Иванов сорвал кольцо, размахнулся и изо всех сил швырнул гранату. Раздался глухой удар, скала раскололась, и рухнула огромная груда камней. Когда дым рассеялся, пограничники увидели, что камнями завалило большое пространство перед ними. Эхо прокатилось в последний раз, и в тишине стало слышно, как стонут придавленные камнями басмачи.
Иванов оглянулся на бойцов. У всех были бледные лица
и воспаленные глаза. От усталости люди едва держались на ногах. Из тридцати человек в живых осталось десять, сам Иванов - одиннадцатый, и Коршунов двенадцатый. Коршунов сидел на земле низко опустив голову. Левой рукой он держался за живот, в правой сжимал шашку.Снова стало тихо, и снова где-то, совсем близко, затрещал кузнечик.
Коршунов с трудом улыбнулся и поднял голову.

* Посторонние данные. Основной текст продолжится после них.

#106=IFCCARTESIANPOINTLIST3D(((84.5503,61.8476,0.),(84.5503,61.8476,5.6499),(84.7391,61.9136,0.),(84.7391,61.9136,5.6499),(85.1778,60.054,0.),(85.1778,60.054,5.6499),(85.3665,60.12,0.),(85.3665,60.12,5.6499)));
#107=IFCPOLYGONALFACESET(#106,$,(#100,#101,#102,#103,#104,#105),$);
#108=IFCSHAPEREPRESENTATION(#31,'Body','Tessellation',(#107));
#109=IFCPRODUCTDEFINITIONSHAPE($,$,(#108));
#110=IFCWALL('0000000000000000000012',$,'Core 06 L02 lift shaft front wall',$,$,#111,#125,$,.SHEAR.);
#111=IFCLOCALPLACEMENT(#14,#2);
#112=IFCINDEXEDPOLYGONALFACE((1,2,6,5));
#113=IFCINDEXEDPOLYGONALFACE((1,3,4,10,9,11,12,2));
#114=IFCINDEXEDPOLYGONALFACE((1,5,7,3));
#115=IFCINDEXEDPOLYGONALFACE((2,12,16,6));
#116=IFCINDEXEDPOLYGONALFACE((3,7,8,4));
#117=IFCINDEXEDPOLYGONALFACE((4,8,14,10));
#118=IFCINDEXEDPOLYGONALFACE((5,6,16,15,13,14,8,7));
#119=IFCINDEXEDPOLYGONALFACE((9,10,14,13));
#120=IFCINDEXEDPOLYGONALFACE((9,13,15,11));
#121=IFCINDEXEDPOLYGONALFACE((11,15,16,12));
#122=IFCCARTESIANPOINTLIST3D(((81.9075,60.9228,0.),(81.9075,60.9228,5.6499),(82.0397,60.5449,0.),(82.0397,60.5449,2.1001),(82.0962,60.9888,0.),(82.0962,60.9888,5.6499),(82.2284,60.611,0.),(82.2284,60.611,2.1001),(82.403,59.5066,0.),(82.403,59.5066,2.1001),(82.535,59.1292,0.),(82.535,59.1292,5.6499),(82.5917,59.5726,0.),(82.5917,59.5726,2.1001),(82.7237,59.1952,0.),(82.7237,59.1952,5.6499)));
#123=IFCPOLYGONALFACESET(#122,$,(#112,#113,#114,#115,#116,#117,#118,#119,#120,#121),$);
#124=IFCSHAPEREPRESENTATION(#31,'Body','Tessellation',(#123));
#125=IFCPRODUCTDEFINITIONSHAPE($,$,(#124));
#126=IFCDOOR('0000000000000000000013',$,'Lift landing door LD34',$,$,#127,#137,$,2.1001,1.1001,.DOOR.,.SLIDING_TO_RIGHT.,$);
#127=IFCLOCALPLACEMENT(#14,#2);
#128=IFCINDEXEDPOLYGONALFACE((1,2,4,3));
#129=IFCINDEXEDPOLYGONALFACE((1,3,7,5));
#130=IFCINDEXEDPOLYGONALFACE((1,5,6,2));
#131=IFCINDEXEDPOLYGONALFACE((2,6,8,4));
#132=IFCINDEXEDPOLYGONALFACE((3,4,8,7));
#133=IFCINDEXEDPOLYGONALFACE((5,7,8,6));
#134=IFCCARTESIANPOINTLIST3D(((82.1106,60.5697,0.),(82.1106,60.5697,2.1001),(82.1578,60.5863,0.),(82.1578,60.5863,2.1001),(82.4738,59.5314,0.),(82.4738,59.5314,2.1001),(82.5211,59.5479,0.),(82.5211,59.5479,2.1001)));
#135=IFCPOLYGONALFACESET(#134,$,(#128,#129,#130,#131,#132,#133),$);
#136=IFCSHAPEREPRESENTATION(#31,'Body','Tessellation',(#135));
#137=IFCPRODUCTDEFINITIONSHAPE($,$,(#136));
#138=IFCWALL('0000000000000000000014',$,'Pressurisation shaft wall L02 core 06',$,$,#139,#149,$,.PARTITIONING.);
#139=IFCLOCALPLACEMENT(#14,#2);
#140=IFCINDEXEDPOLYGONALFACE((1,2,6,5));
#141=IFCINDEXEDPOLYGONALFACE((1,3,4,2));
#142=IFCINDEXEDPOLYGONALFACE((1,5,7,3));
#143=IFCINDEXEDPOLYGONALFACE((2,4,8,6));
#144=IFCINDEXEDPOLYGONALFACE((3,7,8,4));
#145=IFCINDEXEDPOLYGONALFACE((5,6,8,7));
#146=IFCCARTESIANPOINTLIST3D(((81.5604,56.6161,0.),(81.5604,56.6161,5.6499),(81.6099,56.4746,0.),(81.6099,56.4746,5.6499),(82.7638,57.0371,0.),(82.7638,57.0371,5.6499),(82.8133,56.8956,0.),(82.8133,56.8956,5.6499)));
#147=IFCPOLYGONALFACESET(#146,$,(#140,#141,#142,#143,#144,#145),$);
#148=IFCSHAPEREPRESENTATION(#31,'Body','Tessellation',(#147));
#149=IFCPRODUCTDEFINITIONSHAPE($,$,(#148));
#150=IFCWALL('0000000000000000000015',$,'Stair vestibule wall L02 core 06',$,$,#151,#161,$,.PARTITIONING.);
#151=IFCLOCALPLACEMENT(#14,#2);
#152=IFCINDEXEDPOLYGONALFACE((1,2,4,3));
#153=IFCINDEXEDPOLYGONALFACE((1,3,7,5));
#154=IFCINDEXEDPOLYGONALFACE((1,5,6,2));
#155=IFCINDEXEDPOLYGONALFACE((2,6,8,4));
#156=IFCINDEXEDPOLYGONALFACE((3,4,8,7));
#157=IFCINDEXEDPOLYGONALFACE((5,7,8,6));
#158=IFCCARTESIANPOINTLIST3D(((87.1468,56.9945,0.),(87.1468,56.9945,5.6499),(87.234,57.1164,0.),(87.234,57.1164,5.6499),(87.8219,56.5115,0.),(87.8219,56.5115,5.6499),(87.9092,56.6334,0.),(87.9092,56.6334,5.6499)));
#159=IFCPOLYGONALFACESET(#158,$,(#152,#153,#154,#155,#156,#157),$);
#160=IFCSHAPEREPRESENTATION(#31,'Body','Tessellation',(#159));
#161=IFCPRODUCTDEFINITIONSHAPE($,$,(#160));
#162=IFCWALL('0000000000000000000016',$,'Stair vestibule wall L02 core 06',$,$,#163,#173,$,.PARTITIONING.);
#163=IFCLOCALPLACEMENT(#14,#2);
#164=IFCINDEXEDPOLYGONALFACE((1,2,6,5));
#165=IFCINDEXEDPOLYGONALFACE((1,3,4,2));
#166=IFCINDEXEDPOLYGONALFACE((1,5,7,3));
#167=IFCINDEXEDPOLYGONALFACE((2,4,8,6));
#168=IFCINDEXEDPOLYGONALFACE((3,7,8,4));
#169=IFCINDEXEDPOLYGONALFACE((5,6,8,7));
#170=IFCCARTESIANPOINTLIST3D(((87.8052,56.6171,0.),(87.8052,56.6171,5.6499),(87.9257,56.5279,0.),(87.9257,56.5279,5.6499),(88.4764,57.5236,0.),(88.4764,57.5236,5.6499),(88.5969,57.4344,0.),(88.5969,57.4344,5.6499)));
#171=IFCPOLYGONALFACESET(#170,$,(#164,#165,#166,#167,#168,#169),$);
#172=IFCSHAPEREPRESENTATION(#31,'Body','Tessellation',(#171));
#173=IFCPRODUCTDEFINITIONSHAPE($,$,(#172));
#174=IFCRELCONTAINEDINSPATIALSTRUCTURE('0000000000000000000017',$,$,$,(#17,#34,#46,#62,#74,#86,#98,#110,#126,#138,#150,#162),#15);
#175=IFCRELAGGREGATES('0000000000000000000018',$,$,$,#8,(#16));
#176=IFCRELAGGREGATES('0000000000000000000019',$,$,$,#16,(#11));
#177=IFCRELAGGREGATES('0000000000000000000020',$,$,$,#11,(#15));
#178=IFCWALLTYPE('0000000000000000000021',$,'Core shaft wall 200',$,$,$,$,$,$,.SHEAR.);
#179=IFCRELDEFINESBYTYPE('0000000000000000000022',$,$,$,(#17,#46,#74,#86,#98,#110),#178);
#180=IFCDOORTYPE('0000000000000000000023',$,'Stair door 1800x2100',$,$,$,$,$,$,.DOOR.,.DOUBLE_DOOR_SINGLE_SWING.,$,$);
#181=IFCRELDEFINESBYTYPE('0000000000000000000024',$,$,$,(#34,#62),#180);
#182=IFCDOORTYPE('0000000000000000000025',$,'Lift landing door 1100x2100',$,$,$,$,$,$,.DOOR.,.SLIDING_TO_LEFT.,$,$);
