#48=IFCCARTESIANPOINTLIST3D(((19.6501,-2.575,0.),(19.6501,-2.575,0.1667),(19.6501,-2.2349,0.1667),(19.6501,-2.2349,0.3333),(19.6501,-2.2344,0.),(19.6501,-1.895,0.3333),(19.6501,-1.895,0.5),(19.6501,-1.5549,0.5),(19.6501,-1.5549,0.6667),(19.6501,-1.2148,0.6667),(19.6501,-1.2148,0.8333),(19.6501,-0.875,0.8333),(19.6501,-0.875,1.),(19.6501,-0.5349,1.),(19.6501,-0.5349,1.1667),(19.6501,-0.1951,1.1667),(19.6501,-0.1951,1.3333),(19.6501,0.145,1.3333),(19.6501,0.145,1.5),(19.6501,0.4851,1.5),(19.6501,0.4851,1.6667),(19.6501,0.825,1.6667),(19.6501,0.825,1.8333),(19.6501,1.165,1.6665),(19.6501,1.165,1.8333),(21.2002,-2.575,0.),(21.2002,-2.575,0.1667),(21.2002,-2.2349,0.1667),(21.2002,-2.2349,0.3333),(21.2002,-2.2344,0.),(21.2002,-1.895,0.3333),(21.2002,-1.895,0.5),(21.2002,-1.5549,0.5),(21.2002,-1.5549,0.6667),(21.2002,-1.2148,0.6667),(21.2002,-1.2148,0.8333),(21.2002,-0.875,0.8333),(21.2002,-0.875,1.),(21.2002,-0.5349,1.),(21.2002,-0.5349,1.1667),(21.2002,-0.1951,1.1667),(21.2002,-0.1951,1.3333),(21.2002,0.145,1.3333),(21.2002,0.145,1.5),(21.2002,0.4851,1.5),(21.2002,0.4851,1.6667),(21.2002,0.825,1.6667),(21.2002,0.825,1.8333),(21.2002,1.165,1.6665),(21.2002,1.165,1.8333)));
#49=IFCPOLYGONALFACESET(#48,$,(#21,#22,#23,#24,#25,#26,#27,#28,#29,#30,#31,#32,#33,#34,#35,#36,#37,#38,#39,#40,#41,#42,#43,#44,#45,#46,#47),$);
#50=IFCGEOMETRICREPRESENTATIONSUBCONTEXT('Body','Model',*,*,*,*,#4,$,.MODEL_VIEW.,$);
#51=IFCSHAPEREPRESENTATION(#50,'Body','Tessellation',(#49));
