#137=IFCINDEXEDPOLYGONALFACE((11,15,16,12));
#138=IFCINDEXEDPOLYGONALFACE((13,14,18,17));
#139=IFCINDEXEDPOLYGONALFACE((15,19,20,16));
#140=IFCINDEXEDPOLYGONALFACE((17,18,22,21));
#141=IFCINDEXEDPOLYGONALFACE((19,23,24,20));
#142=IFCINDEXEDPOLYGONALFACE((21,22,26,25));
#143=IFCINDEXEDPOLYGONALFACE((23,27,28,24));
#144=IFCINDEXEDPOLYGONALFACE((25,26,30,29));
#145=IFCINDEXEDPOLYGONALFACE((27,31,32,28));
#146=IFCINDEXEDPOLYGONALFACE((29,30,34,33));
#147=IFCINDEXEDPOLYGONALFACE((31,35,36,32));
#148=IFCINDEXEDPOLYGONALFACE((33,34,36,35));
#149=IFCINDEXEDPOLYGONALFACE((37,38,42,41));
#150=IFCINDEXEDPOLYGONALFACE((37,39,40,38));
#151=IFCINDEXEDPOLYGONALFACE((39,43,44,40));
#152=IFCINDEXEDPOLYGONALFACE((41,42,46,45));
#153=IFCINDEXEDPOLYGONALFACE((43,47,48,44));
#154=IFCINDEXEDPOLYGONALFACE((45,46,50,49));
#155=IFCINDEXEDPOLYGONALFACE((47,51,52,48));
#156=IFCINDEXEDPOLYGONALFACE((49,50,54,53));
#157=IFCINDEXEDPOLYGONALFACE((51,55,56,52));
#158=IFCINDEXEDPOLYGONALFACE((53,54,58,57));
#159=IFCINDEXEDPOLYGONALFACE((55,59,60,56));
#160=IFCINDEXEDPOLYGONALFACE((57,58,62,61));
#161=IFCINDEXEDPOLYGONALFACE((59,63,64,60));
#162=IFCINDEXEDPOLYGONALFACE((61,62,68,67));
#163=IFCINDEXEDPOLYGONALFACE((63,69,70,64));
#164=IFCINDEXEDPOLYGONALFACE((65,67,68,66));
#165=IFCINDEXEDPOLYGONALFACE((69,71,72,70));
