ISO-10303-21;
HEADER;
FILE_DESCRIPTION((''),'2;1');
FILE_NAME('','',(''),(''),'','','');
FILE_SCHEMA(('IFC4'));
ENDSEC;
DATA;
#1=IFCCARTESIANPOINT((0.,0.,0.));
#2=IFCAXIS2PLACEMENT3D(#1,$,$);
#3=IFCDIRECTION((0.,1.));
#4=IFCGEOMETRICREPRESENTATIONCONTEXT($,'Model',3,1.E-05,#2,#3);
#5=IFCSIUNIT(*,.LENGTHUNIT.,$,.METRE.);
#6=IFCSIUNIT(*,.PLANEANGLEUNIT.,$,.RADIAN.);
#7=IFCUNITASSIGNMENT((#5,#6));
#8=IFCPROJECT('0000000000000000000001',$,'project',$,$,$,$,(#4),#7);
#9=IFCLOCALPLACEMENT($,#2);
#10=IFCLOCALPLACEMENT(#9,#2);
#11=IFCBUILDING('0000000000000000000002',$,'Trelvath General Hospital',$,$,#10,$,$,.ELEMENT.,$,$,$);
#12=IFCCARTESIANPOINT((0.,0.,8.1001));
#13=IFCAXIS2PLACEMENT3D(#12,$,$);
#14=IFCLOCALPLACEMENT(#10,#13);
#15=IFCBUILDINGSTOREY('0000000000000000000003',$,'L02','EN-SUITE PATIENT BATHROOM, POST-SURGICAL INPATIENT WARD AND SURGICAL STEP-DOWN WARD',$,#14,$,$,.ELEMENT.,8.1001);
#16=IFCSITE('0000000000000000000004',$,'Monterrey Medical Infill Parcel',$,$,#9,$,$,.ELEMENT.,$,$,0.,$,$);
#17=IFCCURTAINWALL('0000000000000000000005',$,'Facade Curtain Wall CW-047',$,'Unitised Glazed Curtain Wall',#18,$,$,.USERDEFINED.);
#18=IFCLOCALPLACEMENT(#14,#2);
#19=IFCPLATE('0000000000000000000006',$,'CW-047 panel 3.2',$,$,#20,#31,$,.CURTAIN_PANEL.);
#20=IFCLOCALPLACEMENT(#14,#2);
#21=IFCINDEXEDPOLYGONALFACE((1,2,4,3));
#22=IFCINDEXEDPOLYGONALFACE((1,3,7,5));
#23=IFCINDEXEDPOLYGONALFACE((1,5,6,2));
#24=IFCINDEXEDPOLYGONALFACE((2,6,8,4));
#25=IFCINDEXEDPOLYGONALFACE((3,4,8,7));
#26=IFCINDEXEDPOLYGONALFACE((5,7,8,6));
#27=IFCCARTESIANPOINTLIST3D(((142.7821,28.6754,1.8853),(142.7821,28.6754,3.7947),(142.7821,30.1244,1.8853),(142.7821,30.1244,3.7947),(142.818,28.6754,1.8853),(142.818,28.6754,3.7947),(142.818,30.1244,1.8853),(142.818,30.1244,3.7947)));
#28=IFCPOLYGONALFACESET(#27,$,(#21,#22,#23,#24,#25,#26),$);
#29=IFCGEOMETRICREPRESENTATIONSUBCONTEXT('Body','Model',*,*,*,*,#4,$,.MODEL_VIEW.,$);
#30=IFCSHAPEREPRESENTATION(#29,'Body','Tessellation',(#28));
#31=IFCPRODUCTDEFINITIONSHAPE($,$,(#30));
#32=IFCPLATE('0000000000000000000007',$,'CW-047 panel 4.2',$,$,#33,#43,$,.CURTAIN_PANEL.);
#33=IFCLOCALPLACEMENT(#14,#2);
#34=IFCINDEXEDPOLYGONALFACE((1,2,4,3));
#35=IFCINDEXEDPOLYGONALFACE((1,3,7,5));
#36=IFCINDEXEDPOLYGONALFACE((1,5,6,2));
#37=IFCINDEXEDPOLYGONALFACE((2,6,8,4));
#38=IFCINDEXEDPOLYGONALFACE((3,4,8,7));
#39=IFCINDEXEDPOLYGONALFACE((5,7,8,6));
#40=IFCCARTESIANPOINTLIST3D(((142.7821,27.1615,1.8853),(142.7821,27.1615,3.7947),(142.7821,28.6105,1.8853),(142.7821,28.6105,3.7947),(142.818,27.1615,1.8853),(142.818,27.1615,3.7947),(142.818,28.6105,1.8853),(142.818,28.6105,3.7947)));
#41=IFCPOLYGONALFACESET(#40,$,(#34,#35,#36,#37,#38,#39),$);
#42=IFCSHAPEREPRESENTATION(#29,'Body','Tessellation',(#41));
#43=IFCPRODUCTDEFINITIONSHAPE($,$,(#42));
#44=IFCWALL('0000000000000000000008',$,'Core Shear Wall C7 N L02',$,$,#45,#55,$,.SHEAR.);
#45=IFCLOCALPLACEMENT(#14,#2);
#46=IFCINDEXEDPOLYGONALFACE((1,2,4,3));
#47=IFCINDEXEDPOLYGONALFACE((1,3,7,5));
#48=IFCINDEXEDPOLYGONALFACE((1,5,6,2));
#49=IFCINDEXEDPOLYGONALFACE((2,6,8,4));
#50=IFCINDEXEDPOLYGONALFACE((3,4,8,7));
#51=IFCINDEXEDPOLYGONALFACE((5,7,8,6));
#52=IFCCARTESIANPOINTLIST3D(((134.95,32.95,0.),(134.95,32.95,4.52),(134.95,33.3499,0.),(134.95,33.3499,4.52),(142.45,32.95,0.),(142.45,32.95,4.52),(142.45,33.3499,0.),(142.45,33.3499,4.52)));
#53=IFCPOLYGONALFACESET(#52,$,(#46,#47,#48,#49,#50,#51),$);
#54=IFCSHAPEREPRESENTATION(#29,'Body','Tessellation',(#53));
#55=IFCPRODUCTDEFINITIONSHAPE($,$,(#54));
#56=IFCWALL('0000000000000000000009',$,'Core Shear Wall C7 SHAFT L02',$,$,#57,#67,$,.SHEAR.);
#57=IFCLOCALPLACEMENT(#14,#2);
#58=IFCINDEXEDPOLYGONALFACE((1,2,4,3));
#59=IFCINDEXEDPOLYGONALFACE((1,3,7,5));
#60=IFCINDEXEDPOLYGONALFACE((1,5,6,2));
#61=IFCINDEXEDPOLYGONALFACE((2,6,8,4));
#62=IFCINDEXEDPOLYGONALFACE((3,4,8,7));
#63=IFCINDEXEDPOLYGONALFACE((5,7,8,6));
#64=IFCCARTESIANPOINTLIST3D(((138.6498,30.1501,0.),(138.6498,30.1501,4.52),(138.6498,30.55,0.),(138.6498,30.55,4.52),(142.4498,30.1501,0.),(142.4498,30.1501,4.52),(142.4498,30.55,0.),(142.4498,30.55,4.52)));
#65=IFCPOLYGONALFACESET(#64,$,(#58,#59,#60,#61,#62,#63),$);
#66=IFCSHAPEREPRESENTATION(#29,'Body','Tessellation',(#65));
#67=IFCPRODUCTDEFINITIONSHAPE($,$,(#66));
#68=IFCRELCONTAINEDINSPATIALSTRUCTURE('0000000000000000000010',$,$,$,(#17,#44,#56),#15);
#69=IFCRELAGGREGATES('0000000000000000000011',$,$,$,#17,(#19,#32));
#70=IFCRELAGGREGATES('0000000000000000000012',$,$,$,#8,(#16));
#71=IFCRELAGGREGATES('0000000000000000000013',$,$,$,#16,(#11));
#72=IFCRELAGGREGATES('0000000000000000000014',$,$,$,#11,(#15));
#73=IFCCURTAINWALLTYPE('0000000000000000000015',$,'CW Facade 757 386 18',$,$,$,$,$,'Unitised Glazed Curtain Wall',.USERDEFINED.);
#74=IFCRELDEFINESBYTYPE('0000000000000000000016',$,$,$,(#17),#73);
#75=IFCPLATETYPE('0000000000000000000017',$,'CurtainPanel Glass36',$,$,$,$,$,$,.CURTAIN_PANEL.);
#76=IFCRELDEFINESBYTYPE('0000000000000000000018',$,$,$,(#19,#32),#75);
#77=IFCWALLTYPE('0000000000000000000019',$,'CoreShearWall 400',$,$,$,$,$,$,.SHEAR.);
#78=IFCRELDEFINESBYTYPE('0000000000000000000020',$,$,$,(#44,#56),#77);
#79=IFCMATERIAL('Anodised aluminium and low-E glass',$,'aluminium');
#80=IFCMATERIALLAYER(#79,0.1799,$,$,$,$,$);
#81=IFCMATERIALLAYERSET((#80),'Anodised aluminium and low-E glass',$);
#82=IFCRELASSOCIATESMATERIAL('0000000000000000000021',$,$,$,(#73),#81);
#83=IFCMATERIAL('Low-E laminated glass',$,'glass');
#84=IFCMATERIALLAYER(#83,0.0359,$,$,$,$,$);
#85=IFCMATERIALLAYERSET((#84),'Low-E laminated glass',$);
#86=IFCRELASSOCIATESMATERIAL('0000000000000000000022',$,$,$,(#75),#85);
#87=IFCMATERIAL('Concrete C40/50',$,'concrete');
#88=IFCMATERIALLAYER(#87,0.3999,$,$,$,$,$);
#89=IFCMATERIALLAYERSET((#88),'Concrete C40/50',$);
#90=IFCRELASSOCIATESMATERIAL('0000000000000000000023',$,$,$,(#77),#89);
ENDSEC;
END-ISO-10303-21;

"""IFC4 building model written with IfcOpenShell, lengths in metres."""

from ifc_helpers import new_model, si_unit, direction, frame, frame_2d, origin, origin_2d, place, context, subcontext, project, spatial, rectangle, extrude, material, layer, layer_set, type_object, element, aggregate, save


model = new_model("IFC4")

# Units and contexts
model_context = context("Model", 3, precision=1e-05, world=origin(), true_north=direction((0.0, 1.0)))
body_context = subcontext(model_context, "Body", "Model", "MODEL_VIEW")
ifc_project = project(units=[si_unit("LENGTHUNIT", "METRE"), si_unit("PLANEANGLEUNIT", "RADIAN")], contexts=[model_context])

# Site, building, storey
site_placement = place(None, origin())
site = spatial("IfcSite", under=ifc_project, at=site_placement, Name="Monterrey Medical Infill Parcel", CompositionType="ELEMENT", RefElevation=0.0)
building_placement = place(site_placement, origin())
building = spatial("IfcBuilding", under=site, at=building_placement, Name="Trelvath General Hospital", CompositionType="ELEMENT")
storey_placement = place(building_placement, frame((0.0, 0.0, 8.1001)))
storey = spatial("IfcBuildingStorey", under=building, at=storey_placement, Name="L02", Description="EN-SUITE PATIENT BATHROOM, POST-SURGICAL INPATIENT WARD AND SURGICAL STEP-DOWN WARD", CompositionType="ELEMENT", Elevation=8.1001)

# Curtain wall, plates
ifc_material_1 = material(Name="Anodised aluminium and low-E glass", Category="aluminium")
ifc_layer_1 = layer(ifc_material_1, 0.1799)
ifc_layer_set_1 = layer_set([ifc_layer_1], Name="Anodised aluminium and low-E glass")
curtain_wall_type = type_object("IfcCurtainWallType", Name="CW Facade 757 386 18", ElementType="Unitised Glazed Curtain Wall", PredefinedType="USERDEFINED", material=ifc_layer_set_1)
curtain_wall_placement = place(storey_placement, origin())
curtain_wall = element("IfcCurtainWall", 1, at=curtain_wall_placement, inside=storey, type_object=curtain_wall_type, Name="Facade Curtain Wall CW-047", ObjectType="Unitised Glazed Curtain Wall", PredefinedType="USERDEFINED")
ifc_material_2 = material(Name="Low-E laminated glass", Category="glass")
ifc_layer_2 = layer(ifc_material_2, 0.0359)
ifc_layer_set_2 = layer_set([ifc_layer_2], Name="Low-E laminated glass")
plate_type = type_object("IfcPlateType", Name="CurtainPanel Glass36", PredefinedType="CURTAIN_PANEL", material=ifc_layer_set_2)
plate_1_placement = place(storey_placement, frame((142.8, 29.3999, 1.8853), z_axis=(0.0, 0.0, 1.0), x_axis=(0.0, -1.0, 0.0)))
plate_1 = element("IfcPlate", 2, at=plate_1_placement, type_object=plate_type, Name="CW-047 panel 3.2", PredefinedType="CURTAIN_PANEL", context=body_context, shape_type="SweptSolid", body=[
    extrude(rectangle(XDim=1.449, YDim=0.0359, at=origin_2d()), origin(), (0.0, 0.0, 1.0), 1.9094),
])
plate_2_placement = place(storey_placement, frame((142.8, 27.886, 1.8853), z_axis=(0.0, 0.0, 1.0), x_axis=(0.0, -1.0, 0.0)))
plate_2 = element("IfcPlate", 3, at=plate_2_placement, type_object=plate_type, Name="CW-047 panel 4.2", PredefinedType="CURTAIN_PANEL", context=body_context, shape_type="SweptSolid", body=[
    extrude(rectangle(XDim=1.449, YDim=0.0359, at=origin_2d()), origin(), (0.0, 0.0, 1.0), 1.9094),
])
aggregate(curtain_wall, [plate_1, plate_2])

# Walls
ifc_material_3 = material(Name="Concrete C40/50", Category="concrete")
ifc_layer_3 = layer(ifc_material_3, 0.3999)
ifc_layer_set_3 = layer_set([ifc_layer_3], Name="Concrete C40/50")
wall_type = type_object("IfcWallType", Name="CoreShearWall 400", PredefinedType="SHEAR", material=ifc_layer_set_3)
wall_1_placement = place(storey_placement, frame((134.95, 33.1499, 0.0), z_axis=(0.0, 0.0, 1.0), x_axis=(1.0, 0.0, 0.0)))
element("IfcWall", 4, at=wall_1_placement, inside=storey, type_object=wall_type, Name="Core Shear Wall C7 N L02", PredefinedType="SHEAR", context=body_context, shape_type="SweptSolid", body=[
    extrude(rectangle(XDim=7.5, YDim=0.3999, at=frame_2d((3.75, 0.0))), origin(), (0.0, 0.0, 1.0), 4.52),
])
wall_2_placement = place(storey_placement, frame((138.6499, 30.3501, 0.0), z_axis=(0.0, 0.0, 1.0), x_axis=(1.0, 0.0, 0.0)))
element("IfcWall", 5, at=wall_2_placement, inside=storey, type_object=wall_type, Name="Core Shear Wall C7 SHAFT L02", PredefinedType="SHEAR", context=body_context, shape_type="SweptSolid", body=[
    extrude(rectangle(XDim=3.8, YDim=0.3999, at=frame_2d((1.8999, 0.0))), origin(), (0.0, 0.0, 1.0), 4.52),
])

save(model, "model.ifc")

– Товарищи, - сказал Коршунов, и собственный голос показался ему еле слышным. В голове шумело и назойливо пел кузнечик.
Коршунов скрипнул зубами и еще раз попробовал улыбнуться.
– Товарищи! Еще немного. Совсем немного осталось. Ризабек, собирайся. Осталось последнее действие. Представление кончается, Ризабек. Приготовьтесь, товарищи. Споем на прощанье. Споем? Ладно?
Пограничники молчали и отворачивались. Иванов с тоской глядел на Коршунова.
– Нужно петь. Обязательно нужно петь, друзья. Песня - это очень важно. Что ж вы? Споем? Ладно?
– Александр Александрович, не надо, - тихо говорил Иванов, Александр Александрович, голубчик...
– Что? Почему не надо, Иванов? Песня, Иванов, это очень важно. Разве не так, Иванов?
И Коршунов запел:
Трансваль, Трансваль, страна моя,
Весь мир горит огнем...
Голос Коршунова был негромкий, что-то хрипело у него в горле. Он не помнил слов песни и пел, без конца повторяя только две строчки:
Трансваль, Трансваль, страна моя,
Весь мир горит огнем...
Трансваль, Трансваль, страна моя,
Весь мир горит огнем...
12
После взрыва скалы басмачи в страхе отхлынули от засады пограничников. Ризабек старался остановить джигитов, но его не слушали. Только за поворотом ущелья басмачи почувствовали себя в безопасности и остановились. Как и пограничники, они слушали раскаты эхо. Эхо смолкло, и стало тихо в ущелье. Ризабек, прижимая к груди раненую руку, стоял один, скрытый от пограничников грудой обвалившихся со скалы камней. Он тоже слышал, как затрещал кузнечик. Потом до него донесся странный, хриплый голос. Голос пел:
Трансваль, Трансваль, страна моя,
Весь мир горит огнем...
Ризабеку вдруг стало страшно. Пригнувшись, он быстро пошел к своим людям. Он почти бежал. Ему казалось, что вот-вот его сзади ударит кто-то. Из-за камней вслед ему пел спокойный голос:
Трансваль, Трансваль, страна моя,
Весь мир горит огнем...
Ризабек добежал до поворота ущелья.
– Это мертвые кзыл-аскеры поют, - громко сказал один из басмачей.
– Ризабек Касым! Ризабек Касым!
– сзади через толпу джигитов протискивался оборванный пастух. Он звал Ризабека.
– Что тебе нужно?
– Ризабек Касым!
– Пастух упал на колени.
– По руслу ручья к тому концу ущелья Трех овец идет большой отряд кзыл-аскеров... Они быстро идут, Ризабек Касым... Они скоро, совсем скоро придут сюда... Я видел их вчера вечером, я гнал лошадь так, что моя лошадь пала, и я опередил кзыл-аскеров. Но они очень быстро идут. Не успеет солнце опуститься за горы, как они будут здесь, Ризабек Касым.
Ризабек выхватил револьвер и выстрелил в воздух. Джигиты окружили его.